As India and Pakistan stare each other down, people who fish around a disputed sea border find themselves caught in a trap. 

A Palestinian protester argues with Israeli security forces to prevent shooting tear gas at Palestinian protesters during a demonstration against Israeli settlements in the West Bank.

Family members of Indian fishermen jailed in Pakistan sit outside a house in India’s Diu. (Credit: Tarushi Aswani)

This article was produced exclusively for News Decoder’s global news service. It is through articles like this that News Decoder strives to provide context to complex global events and issues and teach global awareness through the lens of journalism. Learn how you can incorporate our resources and services into your classroom or educational program. 

Veraval is a colourful, coastal city in western India’s Gujarat state, dotted with sand, sea and boats ready to set sail into the Arabian Sea.
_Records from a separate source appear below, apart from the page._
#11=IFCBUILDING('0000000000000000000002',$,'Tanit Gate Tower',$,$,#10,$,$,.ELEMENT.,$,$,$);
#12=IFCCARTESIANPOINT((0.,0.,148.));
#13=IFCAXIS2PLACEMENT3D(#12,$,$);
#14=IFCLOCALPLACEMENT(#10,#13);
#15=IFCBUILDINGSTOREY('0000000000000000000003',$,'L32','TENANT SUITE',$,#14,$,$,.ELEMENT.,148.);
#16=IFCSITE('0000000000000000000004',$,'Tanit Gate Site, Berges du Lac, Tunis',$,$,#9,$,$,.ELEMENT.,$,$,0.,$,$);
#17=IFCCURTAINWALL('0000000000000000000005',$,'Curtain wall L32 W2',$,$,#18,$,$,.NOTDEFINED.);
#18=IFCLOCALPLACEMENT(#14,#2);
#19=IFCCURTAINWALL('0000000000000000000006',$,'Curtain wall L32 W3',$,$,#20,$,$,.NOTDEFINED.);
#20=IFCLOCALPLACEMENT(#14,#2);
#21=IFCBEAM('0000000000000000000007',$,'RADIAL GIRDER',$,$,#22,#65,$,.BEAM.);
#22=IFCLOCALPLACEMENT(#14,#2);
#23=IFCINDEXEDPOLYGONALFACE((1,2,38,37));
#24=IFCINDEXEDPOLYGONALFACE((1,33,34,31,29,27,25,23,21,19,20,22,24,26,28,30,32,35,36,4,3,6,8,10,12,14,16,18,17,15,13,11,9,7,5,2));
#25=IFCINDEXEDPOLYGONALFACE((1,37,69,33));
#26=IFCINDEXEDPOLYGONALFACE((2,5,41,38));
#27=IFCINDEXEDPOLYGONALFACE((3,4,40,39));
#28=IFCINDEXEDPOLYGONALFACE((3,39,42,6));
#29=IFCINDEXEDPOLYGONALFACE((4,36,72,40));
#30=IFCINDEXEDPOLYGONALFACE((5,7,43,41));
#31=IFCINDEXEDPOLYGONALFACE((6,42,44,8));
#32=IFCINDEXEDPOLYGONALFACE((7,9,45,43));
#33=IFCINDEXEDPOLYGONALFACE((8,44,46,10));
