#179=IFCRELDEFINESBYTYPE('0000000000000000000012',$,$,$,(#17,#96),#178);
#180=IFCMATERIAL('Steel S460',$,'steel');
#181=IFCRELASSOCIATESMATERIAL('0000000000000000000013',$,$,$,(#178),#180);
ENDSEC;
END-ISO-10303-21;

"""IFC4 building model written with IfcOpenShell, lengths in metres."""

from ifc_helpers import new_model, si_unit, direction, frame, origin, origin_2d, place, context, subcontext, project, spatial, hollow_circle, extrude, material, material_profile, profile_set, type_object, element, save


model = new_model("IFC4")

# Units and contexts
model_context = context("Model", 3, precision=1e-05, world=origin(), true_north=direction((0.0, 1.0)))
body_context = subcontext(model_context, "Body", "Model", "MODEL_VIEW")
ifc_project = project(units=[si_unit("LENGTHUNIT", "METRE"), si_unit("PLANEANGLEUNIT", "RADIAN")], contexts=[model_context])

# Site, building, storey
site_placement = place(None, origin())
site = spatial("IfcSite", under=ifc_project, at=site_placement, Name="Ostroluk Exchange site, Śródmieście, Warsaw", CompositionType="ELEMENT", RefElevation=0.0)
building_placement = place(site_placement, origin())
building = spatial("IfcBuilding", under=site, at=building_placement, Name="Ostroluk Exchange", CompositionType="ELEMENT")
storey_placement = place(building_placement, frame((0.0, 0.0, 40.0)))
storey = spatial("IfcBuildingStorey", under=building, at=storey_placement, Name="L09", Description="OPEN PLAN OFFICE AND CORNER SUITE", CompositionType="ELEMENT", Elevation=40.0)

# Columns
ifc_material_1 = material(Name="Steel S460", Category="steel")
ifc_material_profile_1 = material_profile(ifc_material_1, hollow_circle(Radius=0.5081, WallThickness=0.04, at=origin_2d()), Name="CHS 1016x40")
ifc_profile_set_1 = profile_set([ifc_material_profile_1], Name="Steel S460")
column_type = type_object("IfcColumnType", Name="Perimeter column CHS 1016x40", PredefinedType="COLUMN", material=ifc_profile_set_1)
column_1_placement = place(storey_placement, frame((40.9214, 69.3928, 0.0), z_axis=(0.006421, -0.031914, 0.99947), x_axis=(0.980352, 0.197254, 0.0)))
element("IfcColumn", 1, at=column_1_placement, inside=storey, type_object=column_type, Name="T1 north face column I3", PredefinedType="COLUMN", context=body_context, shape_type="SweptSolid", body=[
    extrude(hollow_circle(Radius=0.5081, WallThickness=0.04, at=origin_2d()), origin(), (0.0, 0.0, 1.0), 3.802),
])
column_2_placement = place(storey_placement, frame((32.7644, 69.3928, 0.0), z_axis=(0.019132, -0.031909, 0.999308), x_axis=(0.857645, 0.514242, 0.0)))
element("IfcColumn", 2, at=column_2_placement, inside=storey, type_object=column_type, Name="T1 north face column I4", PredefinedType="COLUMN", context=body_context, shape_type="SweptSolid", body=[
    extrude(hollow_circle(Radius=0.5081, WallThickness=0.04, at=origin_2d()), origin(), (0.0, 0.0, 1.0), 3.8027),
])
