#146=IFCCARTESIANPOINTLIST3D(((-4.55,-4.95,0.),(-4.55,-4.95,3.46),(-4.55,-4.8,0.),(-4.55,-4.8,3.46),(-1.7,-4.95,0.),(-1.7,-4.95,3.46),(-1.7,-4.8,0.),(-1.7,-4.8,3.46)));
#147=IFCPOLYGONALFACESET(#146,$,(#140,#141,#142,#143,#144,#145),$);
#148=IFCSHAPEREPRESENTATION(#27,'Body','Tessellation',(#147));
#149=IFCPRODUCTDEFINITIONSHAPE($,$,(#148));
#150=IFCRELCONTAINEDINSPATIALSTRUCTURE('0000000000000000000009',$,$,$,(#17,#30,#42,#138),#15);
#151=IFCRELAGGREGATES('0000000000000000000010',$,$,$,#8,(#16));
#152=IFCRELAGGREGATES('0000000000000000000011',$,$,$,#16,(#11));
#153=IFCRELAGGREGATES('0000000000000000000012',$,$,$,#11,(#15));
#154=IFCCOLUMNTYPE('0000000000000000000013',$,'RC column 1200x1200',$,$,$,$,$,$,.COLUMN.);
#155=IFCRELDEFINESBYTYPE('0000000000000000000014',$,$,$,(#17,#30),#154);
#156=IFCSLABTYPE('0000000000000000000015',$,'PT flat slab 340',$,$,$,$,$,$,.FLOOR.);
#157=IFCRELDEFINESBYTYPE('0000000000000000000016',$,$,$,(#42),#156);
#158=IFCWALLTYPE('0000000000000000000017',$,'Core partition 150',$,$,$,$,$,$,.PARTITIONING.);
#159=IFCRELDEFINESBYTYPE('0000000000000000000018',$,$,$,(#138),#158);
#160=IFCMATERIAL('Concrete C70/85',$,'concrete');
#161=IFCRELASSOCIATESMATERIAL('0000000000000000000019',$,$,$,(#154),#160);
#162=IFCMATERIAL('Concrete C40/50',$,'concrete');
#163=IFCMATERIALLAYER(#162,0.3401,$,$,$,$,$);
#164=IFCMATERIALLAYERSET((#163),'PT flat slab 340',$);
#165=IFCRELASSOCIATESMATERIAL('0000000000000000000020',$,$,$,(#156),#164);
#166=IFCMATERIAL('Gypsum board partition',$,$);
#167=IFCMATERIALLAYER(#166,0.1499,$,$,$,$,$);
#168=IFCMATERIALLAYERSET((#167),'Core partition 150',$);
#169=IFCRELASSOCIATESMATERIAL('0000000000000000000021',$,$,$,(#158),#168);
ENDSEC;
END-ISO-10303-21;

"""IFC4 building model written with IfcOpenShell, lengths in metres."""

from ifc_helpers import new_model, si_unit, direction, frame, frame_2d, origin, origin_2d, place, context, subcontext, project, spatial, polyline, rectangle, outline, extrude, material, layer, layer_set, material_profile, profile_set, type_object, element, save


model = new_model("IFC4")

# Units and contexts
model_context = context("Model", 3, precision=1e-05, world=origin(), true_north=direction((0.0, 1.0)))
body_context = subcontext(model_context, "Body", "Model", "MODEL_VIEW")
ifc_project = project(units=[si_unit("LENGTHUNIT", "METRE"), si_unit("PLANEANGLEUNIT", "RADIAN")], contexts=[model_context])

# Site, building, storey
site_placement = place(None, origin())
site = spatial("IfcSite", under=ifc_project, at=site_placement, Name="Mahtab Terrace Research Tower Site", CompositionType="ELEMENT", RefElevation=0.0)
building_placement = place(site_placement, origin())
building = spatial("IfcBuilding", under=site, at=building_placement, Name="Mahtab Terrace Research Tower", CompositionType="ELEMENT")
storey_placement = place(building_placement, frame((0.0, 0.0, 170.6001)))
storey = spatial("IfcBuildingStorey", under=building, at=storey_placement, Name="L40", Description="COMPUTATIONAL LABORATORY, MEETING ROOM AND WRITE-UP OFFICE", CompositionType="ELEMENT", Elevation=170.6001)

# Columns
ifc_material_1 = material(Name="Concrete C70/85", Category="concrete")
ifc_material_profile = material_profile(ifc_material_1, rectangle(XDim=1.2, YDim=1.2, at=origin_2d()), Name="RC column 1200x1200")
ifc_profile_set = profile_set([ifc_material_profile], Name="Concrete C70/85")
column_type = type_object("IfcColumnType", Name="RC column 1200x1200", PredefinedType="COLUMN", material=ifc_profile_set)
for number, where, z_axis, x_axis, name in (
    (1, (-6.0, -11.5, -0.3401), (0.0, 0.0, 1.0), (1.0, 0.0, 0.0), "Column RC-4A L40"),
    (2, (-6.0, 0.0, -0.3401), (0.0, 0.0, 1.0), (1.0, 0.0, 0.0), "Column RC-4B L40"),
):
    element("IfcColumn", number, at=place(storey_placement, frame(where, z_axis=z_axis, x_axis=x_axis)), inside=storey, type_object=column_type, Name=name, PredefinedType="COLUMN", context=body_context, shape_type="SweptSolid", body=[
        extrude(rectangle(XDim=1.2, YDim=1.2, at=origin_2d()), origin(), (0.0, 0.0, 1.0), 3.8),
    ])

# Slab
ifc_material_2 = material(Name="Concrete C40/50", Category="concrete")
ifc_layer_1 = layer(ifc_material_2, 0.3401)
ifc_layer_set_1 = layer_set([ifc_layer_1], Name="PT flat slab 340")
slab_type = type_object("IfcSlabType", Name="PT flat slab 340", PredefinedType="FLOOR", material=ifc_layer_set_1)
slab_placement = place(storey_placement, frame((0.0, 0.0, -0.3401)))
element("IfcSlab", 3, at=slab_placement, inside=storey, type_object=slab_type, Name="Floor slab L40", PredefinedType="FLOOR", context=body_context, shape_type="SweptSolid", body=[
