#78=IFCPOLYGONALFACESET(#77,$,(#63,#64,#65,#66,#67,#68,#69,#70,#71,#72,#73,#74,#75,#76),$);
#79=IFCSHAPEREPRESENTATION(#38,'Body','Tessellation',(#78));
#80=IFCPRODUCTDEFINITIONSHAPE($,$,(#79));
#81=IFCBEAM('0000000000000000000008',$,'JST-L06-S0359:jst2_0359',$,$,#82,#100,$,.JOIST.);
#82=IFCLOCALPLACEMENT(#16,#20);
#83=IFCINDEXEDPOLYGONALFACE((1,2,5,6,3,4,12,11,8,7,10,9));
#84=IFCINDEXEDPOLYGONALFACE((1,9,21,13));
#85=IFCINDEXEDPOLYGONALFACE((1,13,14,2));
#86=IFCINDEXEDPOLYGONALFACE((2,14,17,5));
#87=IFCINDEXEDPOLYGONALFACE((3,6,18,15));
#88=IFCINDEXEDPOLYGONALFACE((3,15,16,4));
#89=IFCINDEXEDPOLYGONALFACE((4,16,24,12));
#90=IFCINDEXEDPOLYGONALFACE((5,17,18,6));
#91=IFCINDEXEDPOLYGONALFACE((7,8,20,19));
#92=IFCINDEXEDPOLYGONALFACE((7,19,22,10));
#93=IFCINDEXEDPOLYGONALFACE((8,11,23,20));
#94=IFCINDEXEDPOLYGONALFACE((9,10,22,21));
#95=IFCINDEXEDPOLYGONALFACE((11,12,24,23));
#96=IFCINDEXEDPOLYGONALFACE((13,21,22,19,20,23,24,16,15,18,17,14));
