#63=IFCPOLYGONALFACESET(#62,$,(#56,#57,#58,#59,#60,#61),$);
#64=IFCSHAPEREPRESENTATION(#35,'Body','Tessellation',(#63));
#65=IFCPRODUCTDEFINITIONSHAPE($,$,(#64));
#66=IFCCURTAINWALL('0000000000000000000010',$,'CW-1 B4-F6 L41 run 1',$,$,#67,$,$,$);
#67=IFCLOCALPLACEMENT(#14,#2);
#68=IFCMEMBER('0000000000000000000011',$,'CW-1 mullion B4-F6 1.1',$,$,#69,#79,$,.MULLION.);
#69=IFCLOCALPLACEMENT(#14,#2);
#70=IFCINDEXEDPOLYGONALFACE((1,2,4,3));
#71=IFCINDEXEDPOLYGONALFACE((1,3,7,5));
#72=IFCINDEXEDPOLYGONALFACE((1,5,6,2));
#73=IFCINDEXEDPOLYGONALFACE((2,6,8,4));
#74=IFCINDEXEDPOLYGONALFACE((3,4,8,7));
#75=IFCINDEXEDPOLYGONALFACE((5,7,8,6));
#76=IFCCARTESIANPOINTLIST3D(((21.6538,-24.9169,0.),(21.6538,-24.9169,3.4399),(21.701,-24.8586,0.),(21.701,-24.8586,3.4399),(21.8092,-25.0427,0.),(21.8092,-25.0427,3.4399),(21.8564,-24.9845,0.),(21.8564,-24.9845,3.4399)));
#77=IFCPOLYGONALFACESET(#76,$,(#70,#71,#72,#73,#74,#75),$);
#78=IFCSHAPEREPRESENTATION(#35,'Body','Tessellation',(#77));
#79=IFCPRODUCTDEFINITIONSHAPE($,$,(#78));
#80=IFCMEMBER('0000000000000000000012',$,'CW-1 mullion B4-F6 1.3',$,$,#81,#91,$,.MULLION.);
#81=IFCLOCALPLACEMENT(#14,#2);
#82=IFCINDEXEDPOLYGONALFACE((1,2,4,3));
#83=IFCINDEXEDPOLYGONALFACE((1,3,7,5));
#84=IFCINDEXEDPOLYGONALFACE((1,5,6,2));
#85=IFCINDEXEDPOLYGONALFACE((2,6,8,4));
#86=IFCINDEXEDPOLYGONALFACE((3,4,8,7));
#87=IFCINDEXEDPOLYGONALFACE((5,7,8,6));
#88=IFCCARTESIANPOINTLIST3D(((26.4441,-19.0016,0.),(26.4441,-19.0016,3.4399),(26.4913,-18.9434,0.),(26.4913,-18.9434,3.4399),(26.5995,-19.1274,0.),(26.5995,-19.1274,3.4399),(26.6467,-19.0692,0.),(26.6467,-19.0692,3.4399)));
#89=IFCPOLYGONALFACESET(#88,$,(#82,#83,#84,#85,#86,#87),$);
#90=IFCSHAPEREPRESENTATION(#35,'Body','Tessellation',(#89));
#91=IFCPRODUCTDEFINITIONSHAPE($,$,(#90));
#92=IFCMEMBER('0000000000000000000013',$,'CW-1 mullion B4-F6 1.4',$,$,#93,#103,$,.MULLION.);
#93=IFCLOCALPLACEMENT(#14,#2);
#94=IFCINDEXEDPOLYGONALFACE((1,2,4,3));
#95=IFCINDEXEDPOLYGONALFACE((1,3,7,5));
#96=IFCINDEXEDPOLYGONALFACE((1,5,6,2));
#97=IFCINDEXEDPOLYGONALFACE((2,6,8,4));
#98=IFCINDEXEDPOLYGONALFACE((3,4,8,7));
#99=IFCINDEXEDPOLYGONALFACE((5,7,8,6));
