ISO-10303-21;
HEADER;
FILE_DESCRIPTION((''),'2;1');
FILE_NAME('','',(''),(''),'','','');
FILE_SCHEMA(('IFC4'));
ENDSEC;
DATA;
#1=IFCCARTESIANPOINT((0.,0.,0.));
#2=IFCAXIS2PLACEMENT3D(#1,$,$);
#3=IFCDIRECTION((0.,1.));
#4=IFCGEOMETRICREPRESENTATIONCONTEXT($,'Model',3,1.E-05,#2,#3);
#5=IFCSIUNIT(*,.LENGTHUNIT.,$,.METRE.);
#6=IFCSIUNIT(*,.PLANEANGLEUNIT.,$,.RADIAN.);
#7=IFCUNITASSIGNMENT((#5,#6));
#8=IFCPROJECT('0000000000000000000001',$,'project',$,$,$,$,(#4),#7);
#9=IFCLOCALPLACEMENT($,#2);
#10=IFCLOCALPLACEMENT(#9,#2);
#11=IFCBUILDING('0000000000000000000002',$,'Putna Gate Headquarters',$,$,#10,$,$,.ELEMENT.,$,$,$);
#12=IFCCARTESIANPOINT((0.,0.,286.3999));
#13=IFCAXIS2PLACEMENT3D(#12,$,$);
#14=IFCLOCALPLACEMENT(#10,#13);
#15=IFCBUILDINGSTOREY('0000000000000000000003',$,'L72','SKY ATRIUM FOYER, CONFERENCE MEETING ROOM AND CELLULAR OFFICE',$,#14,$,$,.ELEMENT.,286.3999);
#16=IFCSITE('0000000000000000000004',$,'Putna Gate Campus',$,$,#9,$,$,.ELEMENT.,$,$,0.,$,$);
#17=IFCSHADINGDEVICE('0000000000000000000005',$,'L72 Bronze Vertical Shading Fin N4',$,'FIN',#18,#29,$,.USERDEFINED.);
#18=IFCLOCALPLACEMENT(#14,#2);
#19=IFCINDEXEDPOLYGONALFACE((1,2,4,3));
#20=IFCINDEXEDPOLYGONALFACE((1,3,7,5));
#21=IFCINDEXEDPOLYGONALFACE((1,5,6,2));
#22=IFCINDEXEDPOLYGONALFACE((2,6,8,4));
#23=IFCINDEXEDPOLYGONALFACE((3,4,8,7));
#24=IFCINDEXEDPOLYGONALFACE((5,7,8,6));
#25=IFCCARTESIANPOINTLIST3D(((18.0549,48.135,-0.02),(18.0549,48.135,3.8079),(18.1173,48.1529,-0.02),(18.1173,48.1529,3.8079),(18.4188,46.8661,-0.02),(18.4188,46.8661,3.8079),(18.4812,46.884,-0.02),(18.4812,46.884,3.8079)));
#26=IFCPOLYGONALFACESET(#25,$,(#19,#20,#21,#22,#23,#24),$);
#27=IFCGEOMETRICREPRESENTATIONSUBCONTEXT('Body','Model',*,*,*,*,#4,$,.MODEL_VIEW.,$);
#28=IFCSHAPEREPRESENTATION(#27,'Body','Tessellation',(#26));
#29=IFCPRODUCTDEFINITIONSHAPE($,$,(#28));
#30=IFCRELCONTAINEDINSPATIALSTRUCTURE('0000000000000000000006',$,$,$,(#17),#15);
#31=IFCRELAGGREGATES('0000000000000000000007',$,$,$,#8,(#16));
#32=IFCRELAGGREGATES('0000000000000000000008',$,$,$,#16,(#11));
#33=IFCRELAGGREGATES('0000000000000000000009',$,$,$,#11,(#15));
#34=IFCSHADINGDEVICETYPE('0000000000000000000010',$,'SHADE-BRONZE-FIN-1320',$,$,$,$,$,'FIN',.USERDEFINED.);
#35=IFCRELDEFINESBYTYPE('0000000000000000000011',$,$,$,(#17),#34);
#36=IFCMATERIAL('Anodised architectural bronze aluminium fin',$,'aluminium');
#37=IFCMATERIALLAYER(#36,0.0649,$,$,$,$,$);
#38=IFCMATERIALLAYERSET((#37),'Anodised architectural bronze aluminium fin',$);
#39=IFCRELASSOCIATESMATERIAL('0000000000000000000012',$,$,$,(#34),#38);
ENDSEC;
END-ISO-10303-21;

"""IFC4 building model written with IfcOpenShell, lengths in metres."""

from ifc_helpers import new_model, si_unit, direction, frame, origin, origin_2d, place, context, subcontext, project, spatial, rectangle, extrude, material, layer, layer_set, type_object, element, save


model = new_model("IFC4")

# Units and contexts
model_context = context("Model", 3, precision=1e-05, world=origin(), true_north=direction((0.0, 1.0)))
body_context = subcontext(model_context, "Body", "Model", "MODEL_VIEW")
ifc_project = project(units=[si_unit("LENGTHUNIT", "METRE"), si_unit("PLANEANGLEUNIT", "RADIAN")], contexts=[model_context])

# Site, building, storey
site_placement = place(None, origin())
site = spatial("IfcSite", under=ifc_project, at=site_placement, Name="Putna Gate Campus", CompositionType="ELEMENT", RefElevation=0.0)
building_placement = place(site_placement, origin())
building = spatial("IfcBuilding", under=site, at=building_placement, Name="Putna Gate Headquarters", CompositionType="ELEMENT")
storey_placement = place(building_placement, frame((0.0, 0.0, 286.3999)))
storey = spatial("IfcBuildingStorey", under=building, at=storey_placement, Name="L72", Description="SKY ATRIUM FOYER, CONFERENCE MEETING ROOM AND CELLULAR OFFICE", CompositionType="ELEMENT", Elevation=286.3999)

# Shading device
ifc_material_1 = material(Name="Anodised architectural bronze aluminium fin", Category="aluminium")
ifc_layer_1 = layer(ifc_material_1, 0.0649)
ifc_layer_set_1 = layer_set([ifc_layer_1], Name="Anodised architectural bronze aluminium fin")
shading_device_type = type_object("IfcShadingDeviceType", Name="SHADE-BRONZE-FIN-1320", ElementType="FIN", PredefinedType="USERDEFINED", material=ifc_layer_set_1)
for number, where, z_axis, x_axis, name in (
    (1, (18.2681, 47.5095, -0.02), (0.0, 0.0, 1.0), (-0.275637, 0.961262, 0.0), "L72 Bronze Vertical Shading Fin N4"),
):
    element("IfcShadingDevice", number, at=place(storey_placement, frame(where, z_axis=z_axis, x_axis=x_axis)), inside=storey, type_object=shading_device_type, Name=name, ObjectType="FIN", PredefinedType="USERDEFINED", context=body_context, shape_type="SweptSolid", body=[
        extrude(rectangle(XDim=1.3201, YDim=0.0649, at=origin_2d()), origin(), (0.0, 0.0, 1.0), 3.8279),
    ])

save(model, "model.ifc")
But for some, the colours of the boats, the roaring of the sea and the darkness on the horizon at dusk, send shivers down their spine.
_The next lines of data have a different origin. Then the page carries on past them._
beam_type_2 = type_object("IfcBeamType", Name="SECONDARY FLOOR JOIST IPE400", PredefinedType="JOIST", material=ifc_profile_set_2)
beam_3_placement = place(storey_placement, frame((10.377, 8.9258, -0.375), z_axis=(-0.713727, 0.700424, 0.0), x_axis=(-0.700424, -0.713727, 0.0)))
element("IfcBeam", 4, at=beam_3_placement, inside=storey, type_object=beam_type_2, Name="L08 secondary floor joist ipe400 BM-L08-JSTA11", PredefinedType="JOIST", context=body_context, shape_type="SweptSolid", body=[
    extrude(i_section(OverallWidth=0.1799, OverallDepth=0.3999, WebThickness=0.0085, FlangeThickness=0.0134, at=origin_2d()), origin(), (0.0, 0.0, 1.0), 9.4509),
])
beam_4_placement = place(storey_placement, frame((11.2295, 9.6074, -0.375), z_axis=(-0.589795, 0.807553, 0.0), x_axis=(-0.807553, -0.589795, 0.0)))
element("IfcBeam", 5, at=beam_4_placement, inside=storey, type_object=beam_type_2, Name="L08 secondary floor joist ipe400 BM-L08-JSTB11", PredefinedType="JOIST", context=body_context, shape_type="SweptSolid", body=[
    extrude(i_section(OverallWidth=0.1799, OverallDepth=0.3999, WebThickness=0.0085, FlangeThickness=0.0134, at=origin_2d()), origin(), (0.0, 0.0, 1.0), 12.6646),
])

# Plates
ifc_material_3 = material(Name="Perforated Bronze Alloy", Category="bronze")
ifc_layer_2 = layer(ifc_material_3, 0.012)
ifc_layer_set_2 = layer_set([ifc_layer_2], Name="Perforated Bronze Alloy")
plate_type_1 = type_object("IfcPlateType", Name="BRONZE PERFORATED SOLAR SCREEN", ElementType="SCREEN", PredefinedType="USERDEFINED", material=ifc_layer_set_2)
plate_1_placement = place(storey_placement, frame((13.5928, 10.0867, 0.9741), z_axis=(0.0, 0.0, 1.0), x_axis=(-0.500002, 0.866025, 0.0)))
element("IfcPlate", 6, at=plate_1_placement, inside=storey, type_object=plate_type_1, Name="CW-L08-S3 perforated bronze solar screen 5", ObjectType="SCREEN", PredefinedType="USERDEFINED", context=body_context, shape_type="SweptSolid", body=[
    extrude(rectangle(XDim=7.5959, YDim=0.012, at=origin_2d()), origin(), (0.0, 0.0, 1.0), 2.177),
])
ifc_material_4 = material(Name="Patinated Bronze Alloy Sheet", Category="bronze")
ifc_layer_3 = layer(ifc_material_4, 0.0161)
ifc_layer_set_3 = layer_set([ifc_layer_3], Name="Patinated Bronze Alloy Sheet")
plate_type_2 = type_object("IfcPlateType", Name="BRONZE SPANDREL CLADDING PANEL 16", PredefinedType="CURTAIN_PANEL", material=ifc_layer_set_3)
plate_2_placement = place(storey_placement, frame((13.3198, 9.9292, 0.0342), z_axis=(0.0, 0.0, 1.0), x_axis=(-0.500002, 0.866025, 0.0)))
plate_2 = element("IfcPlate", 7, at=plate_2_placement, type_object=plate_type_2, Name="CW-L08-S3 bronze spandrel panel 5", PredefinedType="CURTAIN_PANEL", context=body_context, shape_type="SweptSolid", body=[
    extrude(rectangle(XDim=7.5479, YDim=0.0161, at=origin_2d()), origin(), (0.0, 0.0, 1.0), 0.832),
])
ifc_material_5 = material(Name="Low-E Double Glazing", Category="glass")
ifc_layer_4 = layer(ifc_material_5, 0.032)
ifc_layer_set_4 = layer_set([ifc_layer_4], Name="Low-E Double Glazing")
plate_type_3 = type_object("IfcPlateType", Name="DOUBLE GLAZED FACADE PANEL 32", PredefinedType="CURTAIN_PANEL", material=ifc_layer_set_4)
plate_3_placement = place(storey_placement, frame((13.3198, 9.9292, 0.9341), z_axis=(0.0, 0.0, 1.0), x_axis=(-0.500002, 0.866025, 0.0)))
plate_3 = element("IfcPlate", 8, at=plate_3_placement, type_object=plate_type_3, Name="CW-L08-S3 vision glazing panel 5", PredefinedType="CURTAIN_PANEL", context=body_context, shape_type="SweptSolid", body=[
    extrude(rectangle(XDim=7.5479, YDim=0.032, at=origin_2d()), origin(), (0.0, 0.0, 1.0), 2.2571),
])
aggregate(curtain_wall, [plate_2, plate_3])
Many of those in Veraval and neighbouring ports of Diu, Okha, Porbandar and Jakhau have lost their loved ones to the gambit of the sea. For over decades now Indian fishermen have been falling prey to an imaginary border over water that signals the end of Indian, and beginning of Pakistani, territory.

In February 2025, Pakistan released 22 fishermen who had been apprehended by Pakistan Maritime Security Agency from April 2021 to December 2022, while fishing near the maritime boundary in the Arabian sea near Gujarat. In 2023, Pakistani authorities had released 198 Indian fishermen who had languished in a prison in Karachi for years on charges of illegal fishing along the disputed International Maritime Boundary Line.

Pakistan and India have been in a state of hostility ever since the British Empire granted them independence in 1947 and separated the two countries in what was known as the Partition.

Since 1947 they have fought a total of four wars against each other. These days, a heightened sense of war looms over the two countries over Kashmir, a region they both claim full rights over, but control partially.

On May 7, India launched missiles targeting civilian facilities in several parts of Pakistan to avenge what India labelled as a ‘terrorist act’, which it accused Pakistan of committing on April 22, where 26 tourists were killed in Indian-ruled Kashmir.

 

A floating line in the sea

While the two nations watch each other across a heavily armed and battle-ready land border, their maritime border, in the Arabian Sea, has remained ambiguous ever since the Partition, making it a dangerous area for anyone fishing around it. 

The area in focus of the issue is a zone called Sir Creek, a 60-mile-long disputed tidal estuary, where the coastlines of India’s Gujarat and Pakistan’s Sindh converge.

The nature of this patch of water is such that fishermen often wander into deeper waters without realising that they have entered Pakistani territory and even vice versa. 

 

Over decades and despite rounds of discussions and meetings, the two countries have failed to carve out who controls what part of the Creek.

For the last four years, Somabhai, a 60-year-old fisherman has been missing from Diu’s Vanakbara port. On March 17, India’s Ministry of External Affairs revealed that 194 Indian fishermen are currently imprisoned in Pakistan. Somabhai is one of them. 

“My husband went to cast his net in the sea in December 2022 and has not returned since,” said Somabhai’s wife, Laxmibai. “We were informed by authorities that his boat was apprehended by Pakistani authorities.”

Fearing a different kind of storm

While Laxmibai waits for Somabhai, many women like her also wait for their sons, brothers and husbands who they lost to their traditional occupation of fishing. Families of fishermen have been losing their loved ones to the ambiguity of the maritime border ever since the partition of India and Pakistan. 

It was one windy day in December 2022, when Dakshaben kept looking at the loosely hanging door of her brick and mud house in Diu’s Vanakbara village. She saw a storm brewing, with palm and coconut trees barely standing their ground.

“I could already feel that something ominous would happen,” she said. “A few hours later, I was informed that my husband was arrested near the international maritime border.”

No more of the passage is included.